С нескрываемым удовольствием глядя в исказившееся от злобы лицо отца, Семён сделал шаг в сторону, но Леонид тут же вцепился в его рукав.
– Ты что же, принимаешь меня за слабоумного?! – Бледный как смерть, он шумно выдохнул, и его лицо исказила судорога. – Ты отдашь мне мои деньги!
– Всё это время я ждал момента, когда смогу поквитаться с тобой за всё. – Семён высвободил свой рукав. – Как же я рад, что ты оказался на помойке, дорогой папочка!
– Я тебя удавлю, выкормыш поганый!
Чувствуя, что в голову бросилась горячая кровь, Леонид рванулся к сыну, но в последний миг Черемисин его удержал:
– Прекрати, это ничего не даст. А ты поганец! – Зелёные глаза Черемисина с осуждением скользнули по долговязой фигуре Семёна.
– А вы вообще не лезьте не в своё дело! – Тополь демонстративно провёл по рукаву дублёной куртки ладонью, словно счищая грязь, оставленную пальцами отца. – Никаких денег этот, – он кивнул на Леонида, – от меня не дождётся, так и зарубите себе на носу. Оба. А если ещё раз он посмеет распустить руки, я найду на него управу.
– Ну и гниль же ты, Семён Леонидович! – с нажимом проговорил Александр. – Такая гниль, что и сказать страшно.
– Тогда лучше молчите, – с издёвкой посоветовал Семён. – Тоже мне, нашлись… святые угодники! – переведя взгляд с Александра на отца, он громко хмыкнул. – Чтоб тебе, дорогой папа, за все твои подвиги сгнить где-нибудь в помойном углу в нищете и одиночестве!
– И в кого ты такая отменная сволочь?! – в сердцах бросил Леонид.
– Не догадываешься? – Густо-синие глаза Семёна засияли. – Да я же в точности твоя копия, только чуть моложе, чуть расторопнее и гора-а-аздо умнее! – Запрокинув голову, он громко рассмеялся, а потом развернулся и неторопливо двинулся к выходу.
– Поганец! – Трясущимися руками Тополь попытался застегнуть пуговицу пальто. – Если бы я только мог дотянуться до его горла… – мучительно проговорил он и вдруг почувствовал, как его всего, целиком, захватила горячая волна жалости к себе.
Сдавливая сердце, волна выталкивала его куда-то к горлу, норовя выпихнуть совсем, и от того, что глупое сердце упиралось, раздирающая боль каталась по гортани вверх и вниз.

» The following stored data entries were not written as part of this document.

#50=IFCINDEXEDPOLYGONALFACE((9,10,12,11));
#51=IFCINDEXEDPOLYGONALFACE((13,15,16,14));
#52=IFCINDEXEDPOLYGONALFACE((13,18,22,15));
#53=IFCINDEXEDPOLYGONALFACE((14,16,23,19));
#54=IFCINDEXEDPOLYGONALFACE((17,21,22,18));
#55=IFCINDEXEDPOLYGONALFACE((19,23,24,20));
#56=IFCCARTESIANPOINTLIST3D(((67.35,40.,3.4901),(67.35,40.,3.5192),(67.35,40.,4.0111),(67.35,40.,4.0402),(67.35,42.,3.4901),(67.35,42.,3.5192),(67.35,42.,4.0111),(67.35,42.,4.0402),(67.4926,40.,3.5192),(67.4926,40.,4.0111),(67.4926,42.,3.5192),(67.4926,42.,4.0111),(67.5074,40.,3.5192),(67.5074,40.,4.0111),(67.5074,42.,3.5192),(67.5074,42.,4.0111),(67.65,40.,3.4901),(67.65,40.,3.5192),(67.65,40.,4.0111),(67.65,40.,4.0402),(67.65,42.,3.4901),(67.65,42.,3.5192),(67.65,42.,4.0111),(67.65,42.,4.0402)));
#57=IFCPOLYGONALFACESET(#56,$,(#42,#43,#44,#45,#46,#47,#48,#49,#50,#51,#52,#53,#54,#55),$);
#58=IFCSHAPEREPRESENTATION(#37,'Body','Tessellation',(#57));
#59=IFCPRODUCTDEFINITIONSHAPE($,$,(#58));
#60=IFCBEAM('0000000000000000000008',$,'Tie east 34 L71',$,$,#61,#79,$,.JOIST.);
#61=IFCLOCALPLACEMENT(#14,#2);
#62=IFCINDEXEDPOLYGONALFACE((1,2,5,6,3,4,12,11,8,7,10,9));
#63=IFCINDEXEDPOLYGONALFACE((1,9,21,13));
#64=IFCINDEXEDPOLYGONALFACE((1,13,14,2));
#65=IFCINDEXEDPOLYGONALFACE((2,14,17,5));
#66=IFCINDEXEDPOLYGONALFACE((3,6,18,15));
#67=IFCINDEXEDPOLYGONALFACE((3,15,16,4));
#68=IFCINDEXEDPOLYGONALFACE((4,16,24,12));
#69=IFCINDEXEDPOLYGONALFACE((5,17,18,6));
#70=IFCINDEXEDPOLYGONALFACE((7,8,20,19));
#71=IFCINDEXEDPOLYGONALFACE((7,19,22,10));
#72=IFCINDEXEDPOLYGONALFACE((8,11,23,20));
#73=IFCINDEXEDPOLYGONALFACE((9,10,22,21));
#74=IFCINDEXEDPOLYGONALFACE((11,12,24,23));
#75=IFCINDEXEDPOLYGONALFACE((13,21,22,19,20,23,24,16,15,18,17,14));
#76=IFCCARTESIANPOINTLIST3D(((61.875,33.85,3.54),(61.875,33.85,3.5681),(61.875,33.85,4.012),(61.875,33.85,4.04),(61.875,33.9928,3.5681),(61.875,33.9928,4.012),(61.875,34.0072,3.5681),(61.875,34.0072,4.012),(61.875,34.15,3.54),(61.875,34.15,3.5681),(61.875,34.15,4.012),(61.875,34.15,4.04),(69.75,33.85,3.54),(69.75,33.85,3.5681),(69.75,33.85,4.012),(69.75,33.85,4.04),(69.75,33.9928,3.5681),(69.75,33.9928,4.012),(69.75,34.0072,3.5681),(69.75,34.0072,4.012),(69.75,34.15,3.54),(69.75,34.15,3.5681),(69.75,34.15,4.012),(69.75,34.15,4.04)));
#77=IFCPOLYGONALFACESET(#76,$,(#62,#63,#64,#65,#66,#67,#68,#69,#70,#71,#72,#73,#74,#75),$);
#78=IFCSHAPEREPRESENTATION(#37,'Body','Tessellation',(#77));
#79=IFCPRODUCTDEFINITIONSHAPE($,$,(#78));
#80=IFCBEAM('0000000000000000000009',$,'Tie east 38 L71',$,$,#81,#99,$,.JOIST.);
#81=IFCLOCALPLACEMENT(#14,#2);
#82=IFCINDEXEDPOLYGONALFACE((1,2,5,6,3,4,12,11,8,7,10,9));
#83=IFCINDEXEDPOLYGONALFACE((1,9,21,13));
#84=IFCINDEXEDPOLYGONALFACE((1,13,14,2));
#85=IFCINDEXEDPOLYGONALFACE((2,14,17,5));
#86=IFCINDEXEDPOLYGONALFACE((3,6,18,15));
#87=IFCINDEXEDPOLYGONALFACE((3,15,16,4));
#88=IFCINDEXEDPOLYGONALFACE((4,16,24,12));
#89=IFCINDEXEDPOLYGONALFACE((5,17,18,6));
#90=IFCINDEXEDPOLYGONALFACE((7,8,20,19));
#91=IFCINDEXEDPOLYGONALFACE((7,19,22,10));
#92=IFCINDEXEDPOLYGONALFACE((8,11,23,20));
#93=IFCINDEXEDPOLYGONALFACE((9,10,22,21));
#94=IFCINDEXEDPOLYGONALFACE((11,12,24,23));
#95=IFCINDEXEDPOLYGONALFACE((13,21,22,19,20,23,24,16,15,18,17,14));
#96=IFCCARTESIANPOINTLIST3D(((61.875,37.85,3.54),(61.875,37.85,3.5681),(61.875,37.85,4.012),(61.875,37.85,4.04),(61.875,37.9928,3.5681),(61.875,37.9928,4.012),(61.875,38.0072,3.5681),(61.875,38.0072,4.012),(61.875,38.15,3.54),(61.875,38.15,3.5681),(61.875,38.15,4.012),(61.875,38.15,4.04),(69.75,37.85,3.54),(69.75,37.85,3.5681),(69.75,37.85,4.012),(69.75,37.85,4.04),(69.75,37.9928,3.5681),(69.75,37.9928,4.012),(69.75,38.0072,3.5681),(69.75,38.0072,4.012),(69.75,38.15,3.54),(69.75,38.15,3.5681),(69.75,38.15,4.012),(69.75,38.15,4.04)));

Сосущая, вяжущая боль ширилась и ползла к солнечному сплетению, и, как бы предчувствуя её скорое появление, желудок Леонида мелко и противно сжимался.
– Если бы я только мог… если бы только мог… – Жалко изогнувшись, губы Леонида затряслись.

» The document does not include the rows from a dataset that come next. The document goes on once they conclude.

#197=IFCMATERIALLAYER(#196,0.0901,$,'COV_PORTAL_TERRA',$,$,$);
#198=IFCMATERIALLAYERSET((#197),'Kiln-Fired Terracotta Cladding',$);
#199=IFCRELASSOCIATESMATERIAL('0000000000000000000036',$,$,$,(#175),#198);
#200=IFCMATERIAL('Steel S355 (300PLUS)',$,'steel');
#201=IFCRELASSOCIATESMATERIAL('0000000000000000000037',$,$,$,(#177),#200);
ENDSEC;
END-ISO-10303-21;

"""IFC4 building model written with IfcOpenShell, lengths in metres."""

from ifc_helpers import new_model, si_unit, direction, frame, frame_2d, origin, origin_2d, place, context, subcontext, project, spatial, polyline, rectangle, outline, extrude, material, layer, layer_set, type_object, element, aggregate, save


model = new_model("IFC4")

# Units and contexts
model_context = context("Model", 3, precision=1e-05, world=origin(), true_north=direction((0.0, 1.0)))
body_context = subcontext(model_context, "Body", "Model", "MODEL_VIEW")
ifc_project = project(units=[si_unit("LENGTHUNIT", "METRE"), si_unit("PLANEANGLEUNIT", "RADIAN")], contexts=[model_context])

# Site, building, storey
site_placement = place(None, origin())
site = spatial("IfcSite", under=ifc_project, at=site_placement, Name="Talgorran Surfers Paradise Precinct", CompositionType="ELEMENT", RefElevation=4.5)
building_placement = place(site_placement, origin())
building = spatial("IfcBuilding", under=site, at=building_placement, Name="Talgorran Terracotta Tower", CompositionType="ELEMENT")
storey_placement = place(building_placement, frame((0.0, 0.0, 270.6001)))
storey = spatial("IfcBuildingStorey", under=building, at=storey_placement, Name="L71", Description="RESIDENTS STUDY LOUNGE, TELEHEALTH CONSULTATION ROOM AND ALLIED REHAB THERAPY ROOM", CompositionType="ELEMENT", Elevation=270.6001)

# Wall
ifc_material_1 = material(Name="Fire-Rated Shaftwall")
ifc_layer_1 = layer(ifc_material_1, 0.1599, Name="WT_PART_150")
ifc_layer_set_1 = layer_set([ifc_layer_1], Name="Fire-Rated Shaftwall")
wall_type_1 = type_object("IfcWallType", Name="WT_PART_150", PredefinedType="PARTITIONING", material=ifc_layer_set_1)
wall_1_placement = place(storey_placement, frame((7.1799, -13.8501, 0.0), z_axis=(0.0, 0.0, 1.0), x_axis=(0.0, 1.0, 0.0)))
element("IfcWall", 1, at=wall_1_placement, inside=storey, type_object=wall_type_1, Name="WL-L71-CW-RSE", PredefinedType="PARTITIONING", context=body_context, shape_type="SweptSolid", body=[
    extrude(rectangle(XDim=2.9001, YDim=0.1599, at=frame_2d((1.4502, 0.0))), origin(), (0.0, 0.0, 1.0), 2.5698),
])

– Лёнь, давай я тебя провожу до дома. – Черемисин взял друга под локоть и с беспокойством вгляделся в его серо-зелёноё, нервно подёргивающееся лицо.
– До дома?! – Истерично рассмеявшись, Тополь высвободил свою руку. – А где он, мой дом, не подскажешь?! Может, и вправду на помойке?

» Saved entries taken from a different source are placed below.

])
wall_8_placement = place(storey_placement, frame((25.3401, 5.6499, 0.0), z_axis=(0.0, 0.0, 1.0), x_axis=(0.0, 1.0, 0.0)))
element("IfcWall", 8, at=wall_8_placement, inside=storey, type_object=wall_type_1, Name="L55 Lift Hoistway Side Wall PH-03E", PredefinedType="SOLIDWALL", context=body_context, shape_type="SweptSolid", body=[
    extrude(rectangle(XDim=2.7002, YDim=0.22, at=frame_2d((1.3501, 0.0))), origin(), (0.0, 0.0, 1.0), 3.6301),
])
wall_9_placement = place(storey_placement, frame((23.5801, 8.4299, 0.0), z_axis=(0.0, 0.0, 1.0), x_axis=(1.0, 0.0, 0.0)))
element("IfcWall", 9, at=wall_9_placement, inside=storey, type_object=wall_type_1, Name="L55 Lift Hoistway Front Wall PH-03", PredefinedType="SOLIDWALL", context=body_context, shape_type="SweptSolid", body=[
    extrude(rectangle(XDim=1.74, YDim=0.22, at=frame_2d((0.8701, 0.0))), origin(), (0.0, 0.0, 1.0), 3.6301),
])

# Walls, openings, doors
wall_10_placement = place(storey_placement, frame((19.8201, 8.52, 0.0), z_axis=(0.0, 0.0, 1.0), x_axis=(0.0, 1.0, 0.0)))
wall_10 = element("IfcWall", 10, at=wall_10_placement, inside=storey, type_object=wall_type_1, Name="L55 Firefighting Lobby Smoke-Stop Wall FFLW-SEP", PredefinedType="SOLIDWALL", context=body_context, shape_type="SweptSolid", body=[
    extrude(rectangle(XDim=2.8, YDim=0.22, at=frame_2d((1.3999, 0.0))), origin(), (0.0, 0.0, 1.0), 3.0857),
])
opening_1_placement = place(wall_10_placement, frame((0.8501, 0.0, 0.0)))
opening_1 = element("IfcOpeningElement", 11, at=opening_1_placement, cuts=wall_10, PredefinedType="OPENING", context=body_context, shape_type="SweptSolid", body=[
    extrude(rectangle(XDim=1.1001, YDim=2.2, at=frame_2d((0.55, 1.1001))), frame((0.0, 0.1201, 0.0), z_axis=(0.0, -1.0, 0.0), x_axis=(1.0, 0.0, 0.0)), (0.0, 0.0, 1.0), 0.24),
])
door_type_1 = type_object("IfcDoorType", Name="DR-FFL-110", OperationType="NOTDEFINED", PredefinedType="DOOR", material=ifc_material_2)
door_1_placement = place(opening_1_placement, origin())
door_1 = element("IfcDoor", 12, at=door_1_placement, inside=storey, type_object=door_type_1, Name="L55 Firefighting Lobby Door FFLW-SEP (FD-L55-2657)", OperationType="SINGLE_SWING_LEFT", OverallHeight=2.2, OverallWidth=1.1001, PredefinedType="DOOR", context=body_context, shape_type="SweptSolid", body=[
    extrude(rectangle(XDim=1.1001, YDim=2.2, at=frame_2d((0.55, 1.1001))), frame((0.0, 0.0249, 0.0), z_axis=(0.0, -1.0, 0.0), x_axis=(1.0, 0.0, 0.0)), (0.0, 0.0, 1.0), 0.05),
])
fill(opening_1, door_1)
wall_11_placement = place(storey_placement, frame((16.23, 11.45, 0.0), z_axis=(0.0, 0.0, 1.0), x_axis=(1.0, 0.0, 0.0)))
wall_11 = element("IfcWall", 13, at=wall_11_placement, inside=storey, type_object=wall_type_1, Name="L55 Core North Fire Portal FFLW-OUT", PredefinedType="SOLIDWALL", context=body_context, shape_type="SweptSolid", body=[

– Лёнь, перестань, на нас люди смотрят, – негромко проговорил Александр.
– Ну и пусть смотрят, – огрызнулся Леонид, но вдруг в один миг сник, плечи его опустились. – Что же мне теперь делать, Санька?.. Как же мне теперь жить дальше?..
– Знаешь что, Лёнь, поживи какое-то время у нас с Ниной, а там видно будет.
– У вас? – Вишнёвая полоска тёмных губ растянулась светло-розовой посечённой резиночкой. – А зачем?
– Ну, всё ж не один, – растерянно пожал плечами Черемисин. – А правда, Лёньк, поехали ко мне?
– Да нет… к чему? – Леонид дёрнул плечом. – Пойду я, пожалуй, Сань.
– Давай я тебя подброшу?
– Нет, я сам. Ты это… кольцо лучше Нине пригляди, праздник всё же…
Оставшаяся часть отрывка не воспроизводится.